It is probably the image of Baptism-as-consecration and commissioning then which is most helpful to us in understanding Jesus' submission to John's baptism. Here the man Jesus is set apart as the one in whom God will truly "hallow his name." (That is, in Jesus' weakness and self-emptying God's powerful presence (Name) will make all things Holy and a sacrament of God's presence.) Here, in an act of manifest commitment, Jesus' humanity is placed completely at the service of the living God and of those to whom God is committed. Here his experience as one set apart or consecrated by and for God establishes God as completely united with us and our human condition. This solidarity is reflected in his statement to John that together they must fulfill the will of God. And here too Jesus anticipates the death and resurrection he will suffer for the sake of both human and Divine destinies which, in him, will be reconciled and inextricably wed to one another. His baptism establishes the pattern not only of HIS humanity, but that of all authentic humanity. So too does it reveal the nature of true Divinity, for our's is a God who becomes completely subject to our sinful reality in order to free us for his own entirely holy one.
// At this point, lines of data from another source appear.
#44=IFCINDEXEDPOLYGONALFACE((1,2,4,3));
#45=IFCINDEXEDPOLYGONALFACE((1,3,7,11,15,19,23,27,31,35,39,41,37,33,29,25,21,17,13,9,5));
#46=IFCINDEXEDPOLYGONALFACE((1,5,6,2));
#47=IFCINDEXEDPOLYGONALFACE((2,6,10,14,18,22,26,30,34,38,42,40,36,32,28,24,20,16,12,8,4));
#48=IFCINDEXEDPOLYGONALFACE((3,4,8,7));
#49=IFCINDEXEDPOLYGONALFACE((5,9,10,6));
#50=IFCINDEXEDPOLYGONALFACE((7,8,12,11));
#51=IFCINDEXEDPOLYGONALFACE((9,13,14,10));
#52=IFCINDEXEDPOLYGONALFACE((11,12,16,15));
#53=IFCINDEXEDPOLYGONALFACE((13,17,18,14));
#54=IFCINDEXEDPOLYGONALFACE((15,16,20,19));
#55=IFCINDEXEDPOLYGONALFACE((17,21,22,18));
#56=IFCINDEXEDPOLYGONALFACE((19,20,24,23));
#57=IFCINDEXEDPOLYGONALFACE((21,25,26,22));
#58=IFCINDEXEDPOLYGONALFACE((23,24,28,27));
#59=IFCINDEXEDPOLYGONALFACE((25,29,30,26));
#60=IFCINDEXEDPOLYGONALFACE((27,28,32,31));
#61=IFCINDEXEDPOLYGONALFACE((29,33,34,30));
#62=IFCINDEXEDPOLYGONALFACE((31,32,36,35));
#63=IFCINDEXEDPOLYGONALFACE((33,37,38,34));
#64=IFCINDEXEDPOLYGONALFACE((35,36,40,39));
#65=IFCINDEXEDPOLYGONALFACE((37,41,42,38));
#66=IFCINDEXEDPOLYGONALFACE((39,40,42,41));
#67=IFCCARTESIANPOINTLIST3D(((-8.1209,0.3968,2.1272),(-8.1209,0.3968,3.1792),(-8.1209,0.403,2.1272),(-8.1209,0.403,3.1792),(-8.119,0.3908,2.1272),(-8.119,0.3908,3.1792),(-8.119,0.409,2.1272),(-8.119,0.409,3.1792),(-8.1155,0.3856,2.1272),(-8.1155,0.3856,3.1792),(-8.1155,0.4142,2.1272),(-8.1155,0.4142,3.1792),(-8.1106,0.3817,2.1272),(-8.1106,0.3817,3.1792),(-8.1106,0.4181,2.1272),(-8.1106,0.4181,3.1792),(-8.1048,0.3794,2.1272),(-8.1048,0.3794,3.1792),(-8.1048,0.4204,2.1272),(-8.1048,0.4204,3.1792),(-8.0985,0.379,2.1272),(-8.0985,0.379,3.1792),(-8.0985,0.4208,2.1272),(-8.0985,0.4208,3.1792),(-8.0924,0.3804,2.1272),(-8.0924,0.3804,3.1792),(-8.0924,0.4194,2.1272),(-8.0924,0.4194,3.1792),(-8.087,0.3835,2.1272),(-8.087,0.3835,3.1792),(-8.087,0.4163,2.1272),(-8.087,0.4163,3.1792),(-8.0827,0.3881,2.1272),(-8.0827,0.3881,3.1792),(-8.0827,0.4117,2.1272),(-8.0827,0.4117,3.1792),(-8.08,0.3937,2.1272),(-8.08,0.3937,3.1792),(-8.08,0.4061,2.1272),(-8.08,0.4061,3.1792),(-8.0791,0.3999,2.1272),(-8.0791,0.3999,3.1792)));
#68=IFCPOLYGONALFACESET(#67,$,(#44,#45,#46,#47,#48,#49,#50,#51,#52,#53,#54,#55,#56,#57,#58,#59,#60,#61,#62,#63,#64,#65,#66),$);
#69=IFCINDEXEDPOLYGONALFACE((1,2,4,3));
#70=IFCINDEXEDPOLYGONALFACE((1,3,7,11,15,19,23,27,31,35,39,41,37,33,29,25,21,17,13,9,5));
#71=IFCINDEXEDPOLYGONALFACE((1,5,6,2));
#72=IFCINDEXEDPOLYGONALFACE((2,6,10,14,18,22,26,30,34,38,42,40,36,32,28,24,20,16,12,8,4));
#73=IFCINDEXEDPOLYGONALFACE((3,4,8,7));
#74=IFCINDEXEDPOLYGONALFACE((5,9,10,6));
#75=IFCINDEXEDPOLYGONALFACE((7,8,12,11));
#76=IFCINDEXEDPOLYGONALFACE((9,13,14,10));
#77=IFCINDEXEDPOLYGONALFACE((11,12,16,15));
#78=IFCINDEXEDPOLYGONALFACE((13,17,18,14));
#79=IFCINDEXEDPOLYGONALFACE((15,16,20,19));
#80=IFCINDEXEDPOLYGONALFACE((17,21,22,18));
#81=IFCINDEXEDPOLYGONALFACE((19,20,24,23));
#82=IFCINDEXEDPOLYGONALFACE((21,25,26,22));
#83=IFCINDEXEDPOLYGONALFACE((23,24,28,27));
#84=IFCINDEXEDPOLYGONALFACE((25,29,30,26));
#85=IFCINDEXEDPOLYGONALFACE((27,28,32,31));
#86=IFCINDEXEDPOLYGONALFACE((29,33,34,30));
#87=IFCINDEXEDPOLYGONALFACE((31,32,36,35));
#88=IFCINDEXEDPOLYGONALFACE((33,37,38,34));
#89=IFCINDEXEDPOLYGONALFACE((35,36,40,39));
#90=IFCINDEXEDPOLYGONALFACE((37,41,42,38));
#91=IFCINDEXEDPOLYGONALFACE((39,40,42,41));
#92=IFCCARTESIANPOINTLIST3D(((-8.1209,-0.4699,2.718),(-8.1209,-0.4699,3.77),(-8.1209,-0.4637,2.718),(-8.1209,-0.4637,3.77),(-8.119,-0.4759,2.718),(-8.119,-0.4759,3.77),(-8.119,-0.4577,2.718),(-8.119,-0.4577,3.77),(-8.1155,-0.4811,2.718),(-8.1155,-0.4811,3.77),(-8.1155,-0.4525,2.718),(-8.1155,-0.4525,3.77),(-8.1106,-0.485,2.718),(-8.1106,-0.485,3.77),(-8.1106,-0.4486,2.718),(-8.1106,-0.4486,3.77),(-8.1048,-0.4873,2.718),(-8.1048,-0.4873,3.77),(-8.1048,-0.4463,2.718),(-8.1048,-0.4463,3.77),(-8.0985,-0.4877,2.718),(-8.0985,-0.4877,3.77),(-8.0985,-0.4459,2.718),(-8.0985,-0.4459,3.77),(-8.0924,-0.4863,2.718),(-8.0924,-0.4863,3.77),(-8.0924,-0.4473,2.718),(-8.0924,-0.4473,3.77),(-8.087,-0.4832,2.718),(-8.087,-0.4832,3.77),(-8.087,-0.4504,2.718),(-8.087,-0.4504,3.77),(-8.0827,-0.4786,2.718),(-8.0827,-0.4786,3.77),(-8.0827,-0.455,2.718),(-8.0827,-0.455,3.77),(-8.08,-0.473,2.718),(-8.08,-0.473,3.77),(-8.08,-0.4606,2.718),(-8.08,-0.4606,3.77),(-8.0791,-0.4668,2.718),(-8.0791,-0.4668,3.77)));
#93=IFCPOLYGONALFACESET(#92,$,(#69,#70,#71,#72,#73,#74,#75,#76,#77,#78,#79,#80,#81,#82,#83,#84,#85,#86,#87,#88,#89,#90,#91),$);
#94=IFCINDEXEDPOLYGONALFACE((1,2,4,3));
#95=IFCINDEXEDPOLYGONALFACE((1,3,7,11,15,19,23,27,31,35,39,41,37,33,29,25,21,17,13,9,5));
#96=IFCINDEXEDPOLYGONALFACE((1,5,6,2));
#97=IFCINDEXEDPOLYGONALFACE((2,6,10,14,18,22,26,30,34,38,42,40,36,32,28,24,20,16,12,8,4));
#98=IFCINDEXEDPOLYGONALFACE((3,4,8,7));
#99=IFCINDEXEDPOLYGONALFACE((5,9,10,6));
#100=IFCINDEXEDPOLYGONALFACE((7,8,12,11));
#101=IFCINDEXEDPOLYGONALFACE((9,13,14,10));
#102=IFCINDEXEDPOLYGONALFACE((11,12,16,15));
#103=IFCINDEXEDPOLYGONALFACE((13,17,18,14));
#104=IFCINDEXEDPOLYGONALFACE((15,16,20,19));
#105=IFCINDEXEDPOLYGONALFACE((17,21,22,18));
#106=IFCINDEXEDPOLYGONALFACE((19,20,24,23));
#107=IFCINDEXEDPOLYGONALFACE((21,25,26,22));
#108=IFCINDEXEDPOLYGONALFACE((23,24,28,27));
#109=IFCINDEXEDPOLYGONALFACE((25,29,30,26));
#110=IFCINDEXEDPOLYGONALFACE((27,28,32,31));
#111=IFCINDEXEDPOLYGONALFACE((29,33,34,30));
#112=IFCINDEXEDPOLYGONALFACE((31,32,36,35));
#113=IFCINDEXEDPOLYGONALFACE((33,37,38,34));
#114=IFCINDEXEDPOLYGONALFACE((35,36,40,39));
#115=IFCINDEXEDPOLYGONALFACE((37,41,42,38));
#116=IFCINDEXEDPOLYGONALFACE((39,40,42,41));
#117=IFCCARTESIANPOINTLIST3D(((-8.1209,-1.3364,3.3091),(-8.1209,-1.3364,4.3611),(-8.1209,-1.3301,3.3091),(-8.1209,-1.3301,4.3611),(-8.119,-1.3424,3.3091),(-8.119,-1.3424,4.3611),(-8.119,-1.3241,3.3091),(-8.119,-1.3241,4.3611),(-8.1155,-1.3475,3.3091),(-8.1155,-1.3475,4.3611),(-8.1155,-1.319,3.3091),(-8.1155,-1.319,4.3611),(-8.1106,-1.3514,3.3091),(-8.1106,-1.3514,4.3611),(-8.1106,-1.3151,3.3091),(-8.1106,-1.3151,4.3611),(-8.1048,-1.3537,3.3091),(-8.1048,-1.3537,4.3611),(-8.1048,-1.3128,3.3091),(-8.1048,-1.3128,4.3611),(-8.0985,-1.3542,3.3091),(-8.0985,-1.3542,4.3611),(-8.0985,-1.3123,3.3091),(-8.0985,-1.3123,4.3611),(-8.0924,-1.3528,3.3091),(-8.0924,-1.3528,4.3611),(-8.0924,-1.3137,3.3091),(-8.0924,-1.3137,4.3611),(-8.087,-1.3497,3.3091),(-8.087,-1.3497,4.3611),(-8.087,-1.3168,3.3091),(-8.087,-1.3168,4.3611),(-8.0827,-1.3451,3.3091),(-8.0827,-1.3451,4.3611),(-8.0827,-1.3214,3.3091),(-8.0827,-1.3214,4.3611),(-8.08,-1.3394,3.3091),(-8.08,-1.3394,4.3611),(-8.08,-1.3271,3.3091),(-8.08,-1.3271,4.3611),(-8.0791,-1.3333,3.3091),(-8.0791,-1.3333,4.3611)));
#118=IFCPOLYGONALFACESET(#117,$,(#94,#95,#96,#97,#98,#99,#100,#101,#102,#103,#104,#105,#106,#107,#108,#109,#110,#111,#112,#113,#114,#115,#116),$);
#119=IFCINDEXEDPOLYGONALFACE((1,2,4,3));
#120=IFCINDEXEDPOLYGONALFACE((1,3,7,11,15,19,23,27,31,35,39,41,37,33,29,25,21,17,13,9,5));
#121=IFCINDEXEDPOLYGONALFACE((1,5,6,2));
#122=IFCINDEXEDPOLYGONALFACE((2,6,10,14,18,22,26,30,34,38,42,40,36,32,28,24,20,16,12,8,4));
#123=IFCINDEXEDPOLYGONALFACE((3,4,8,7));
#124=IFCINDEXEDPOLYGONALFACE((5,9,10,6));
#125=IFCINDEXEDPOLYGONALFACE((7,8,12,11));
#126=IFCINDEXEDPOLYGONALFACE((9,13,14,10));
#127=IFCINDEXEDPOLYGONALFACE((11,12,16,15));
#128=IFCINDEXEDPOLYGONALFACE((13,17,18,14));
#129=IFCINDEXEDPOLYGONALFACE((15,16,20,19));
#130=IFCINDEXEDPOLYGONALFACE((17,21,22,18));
I suspect that even at the end of the Christmas season we are still scandalized by the incarnation. (Recent conversations on CV's and secularity make me even surer of this!) We still stumble over the intelligibility of this baptism, and the propriety of it especially. Our inability to fathom Jesus' own baptism, and our tendency to be shocked by it  because of Jesus' identity,  just as JohnBp was probably shocked, says we are not comfortable, even now, with a God who enters exhaustively into our reality. We remain uncomfortable with a Jesus who is tempted like us in ALL THINGS, and matures into his identity as God's only begotten Son.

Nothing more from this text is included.